Yazıya sırt dönüp gidilmez. Bir sevdayı terketmek kadar kolay değildir yazıdan geçmek. Bir insanı, bir şehri, bir ülkeyi bırakmak kadar kolay değildir yazıdan çıkmak. Ortaya dökülen, ilan edilen her yazı artık hikayenin ömründen çıkıp kendi tarihini yaratacaktır. Yazmasaydım denen yazılar ve mektuplar ulaşılan adreslerde yaşanan günlerin gücünü taşıyacaktır. Yazı kendi başına bir egemenliktir. Yazmak başlı başına bir yol tutup yürümektir.

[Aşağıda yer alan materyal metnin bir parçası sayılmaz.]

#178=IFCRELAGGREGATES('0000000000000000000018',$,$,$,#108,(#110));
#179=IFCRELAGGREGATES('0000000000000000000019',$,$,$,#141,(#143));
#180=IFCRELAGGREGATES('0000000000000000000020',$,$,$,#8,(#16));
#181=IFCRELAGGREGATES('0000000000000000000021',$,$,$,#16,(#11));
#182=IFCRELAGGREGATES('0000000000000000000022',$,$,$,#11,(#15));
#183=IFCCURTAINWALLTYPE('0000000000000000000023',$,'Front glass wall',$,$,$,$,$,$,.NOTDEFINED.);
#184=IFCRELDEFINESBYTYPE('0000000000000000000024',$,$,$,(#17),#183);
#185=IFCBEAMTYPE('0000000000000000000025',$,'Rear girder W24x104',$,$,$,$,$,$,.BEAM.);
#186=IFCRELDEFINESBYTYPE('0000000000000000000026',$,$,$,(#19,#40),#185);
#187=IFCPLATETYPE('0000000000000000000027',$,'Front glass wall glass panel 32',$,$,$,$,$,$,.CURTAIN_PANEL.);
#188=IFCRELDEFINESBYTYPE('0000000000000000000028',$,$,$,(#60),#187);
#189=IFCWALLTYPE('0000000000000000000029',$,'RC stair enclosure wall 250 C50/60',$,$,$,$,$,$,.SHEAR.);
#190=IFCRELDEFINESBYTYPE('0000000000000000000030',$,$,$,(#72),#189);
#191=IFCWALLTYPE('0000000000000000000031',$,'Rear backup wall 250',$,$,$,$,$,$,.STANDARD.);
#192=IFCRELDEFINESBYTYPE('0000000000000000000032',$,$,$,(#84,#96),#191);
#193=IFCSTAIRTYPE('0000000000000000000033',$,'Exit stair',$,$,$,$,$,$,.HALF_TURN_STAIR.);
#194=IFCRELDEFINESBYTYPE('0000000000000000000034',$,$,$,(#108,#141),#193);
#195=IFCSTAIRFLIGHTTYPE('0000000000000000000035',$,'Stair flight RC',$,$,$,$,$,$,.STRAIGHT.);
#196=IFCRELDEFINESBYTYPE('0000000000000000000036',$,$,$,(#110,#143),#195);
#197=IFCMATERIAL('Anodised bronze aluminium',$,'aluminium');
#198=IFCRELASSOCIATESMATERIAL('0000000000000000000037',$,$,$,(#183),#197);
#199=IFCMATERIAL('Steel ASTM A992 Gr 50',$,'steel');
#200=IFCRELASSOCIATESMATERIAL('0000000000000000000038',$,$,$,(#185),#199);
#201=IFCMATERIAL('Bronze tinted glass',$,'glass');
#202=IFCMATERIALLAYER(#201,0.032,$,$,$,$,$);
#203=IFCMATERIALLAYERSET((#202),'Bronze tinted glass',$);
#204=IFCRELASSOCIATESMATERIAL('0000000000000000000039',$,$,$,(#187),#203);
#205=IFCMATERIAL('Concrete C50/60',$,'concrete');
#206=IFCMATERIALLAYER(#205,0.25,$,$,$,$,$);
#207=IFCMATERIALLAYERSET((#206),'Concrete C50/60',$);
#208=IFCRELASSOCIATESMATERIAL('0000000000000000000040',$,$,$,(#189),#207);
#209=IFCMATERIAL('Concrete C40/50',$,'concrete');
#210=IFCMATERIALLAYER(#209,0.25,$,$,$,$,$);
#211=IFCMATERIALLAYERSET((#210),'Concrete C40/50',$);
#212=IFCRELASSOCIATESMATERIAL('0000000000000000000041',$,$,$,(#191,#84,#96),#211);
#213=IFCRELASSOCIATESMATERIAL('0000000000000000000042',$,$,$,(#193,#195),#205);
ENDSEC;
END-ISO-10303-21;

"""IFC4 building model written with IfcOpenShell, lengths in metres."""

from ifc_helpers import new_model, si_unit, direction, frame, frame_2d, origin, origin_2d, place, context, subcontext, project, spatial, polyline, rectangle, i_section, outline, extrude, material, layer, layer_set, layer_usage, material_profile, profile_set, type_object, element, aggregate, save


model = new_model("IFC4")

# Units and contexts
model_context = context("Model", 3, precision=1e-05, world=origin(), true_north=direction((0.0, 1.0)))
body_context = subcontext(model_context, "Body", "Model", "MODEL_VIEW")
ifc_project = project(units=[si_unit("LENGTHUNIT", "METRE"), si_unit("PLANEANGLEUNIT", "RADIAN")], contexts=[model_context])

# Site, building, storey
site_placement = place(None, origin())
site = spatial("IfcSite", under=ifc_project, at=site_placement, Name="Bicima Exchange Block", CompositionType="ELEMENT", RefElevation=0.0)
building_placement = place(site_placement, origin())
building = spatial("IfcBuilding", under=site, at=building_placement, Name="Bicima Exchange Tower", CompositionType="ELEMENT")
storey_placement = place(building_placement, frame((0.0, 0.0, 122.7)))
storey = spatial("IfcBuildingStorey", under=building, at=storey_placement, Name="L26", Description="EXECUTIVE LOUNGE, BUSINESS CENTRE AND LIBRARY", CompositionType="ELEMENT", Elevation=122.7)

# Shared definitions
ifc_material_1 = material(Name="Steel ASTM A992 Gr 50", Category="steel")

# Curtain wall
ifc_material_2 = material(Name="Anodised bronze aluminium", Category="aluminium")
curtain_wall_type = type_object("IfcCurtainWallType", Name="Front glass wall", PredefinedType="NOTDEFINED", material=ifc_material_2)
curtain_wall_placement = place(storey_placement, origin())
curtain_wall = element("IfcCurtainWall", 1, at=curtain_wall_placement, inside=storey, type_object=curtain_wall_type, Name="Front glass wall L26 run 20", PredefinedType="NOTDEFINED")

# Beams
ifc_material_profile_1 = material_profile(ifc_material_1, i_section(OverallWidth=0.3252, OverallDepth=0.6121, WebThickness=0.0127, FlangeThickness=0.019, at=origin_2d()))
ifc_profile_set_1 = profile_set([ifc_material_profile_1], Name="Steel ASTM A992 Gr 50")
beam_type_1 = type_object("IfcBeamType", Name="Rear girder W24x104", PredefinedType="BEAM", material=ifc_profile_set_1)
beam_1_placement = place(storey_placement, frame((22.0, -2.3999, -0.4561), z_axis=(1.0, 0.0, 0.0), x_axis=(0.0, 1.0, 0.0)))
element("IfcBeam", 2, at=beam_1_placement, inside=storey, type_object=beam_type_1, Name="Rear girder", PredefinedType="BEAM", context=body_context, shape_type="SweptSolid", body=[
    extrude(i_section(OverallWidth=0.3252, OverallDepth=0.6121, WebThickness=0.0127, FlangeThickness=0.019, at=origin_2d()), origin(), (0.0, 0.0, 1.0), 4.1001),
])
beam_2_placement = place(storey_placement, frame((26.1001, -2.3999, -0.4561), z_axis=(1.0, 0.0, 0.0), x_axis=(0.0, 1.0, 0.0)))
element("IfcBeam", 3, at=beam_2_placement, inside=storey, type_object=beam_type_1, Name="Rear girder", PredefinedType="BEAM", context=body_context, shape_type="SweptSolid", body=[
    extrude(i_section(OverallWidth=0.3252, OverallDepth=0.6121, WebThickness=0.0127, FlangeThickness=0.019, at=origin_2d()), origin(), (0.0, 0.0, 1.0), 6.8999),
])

Yazmak biraz da yaşatmaktır ve ölümsüz kılmaktır gidenleri
Yazmak ayakta durabilmektir acılar keserken bilekleri
Biraz hüzün, biraz düş, biraz isyan kokan bir çocuk doğurmaya soyunmaktır
Tamam kabul, pişmanlıktır biraz da
Kuşatmaktır anlamsız tortusunu hiçliklerin
Yazmak sonsuz bir can vermektir aşka
Camdan bir elbise giyinmektir
Kırılan her parçanın acısıyla durarak ayakta
Sırt üstü, kafa üstü ve türlü şekillerde çakılınca sözcükler yere, pişman olmayacak kadar çok sevmektir anlamları. Bir sevdaya sahip çıkmak, bir düşe hayat katmaktır. Çivilenmiş harfleri etinin her zerresine kazıyarak, iki heceli bir isme tüm şiirleri zımbalayarak, cehennemin dibinde nefes almaktır. Yazmak sefere çıkmaktır demir atılan limanlardan. Kimlik bilgilerini değiştirmektir korkusuzca. Tarık Buğra’nın deyişiyle “sürüden ayrılmaktır”…
Yazmak, susmaktır çığlık çığlığa. Ortaya çıkmaktır, ben burdayım diye hedef göstermektir varlığını. Gizlenmeden, kaçmadan, korkuların karanlık gözlerinin içine bakarak tutunabilmektir yaşama. “Sen gittikten sonra bir tek güzel cümlem yok” diyecek kadar ihanet etmektir kalemine. Parmağının ardına gizlenemeyenlerin ayak izidir yazmak. Cinayetlerin ve intiharların ardından parmak izi bırakmaktır. Yakalanmaktır, sorgulanmaktır, ipliğini pazara çıkarmaktır. Yazmak, ruhunu çarmıha gererek, kendi kendine tutunmayı seçmektir.
Sait Faik Abasıyanık beni çok etkileyen duygularıyla koyar noktasını :
Söz vermiştim kendi kendime: Yazı bile yazmayacaktım.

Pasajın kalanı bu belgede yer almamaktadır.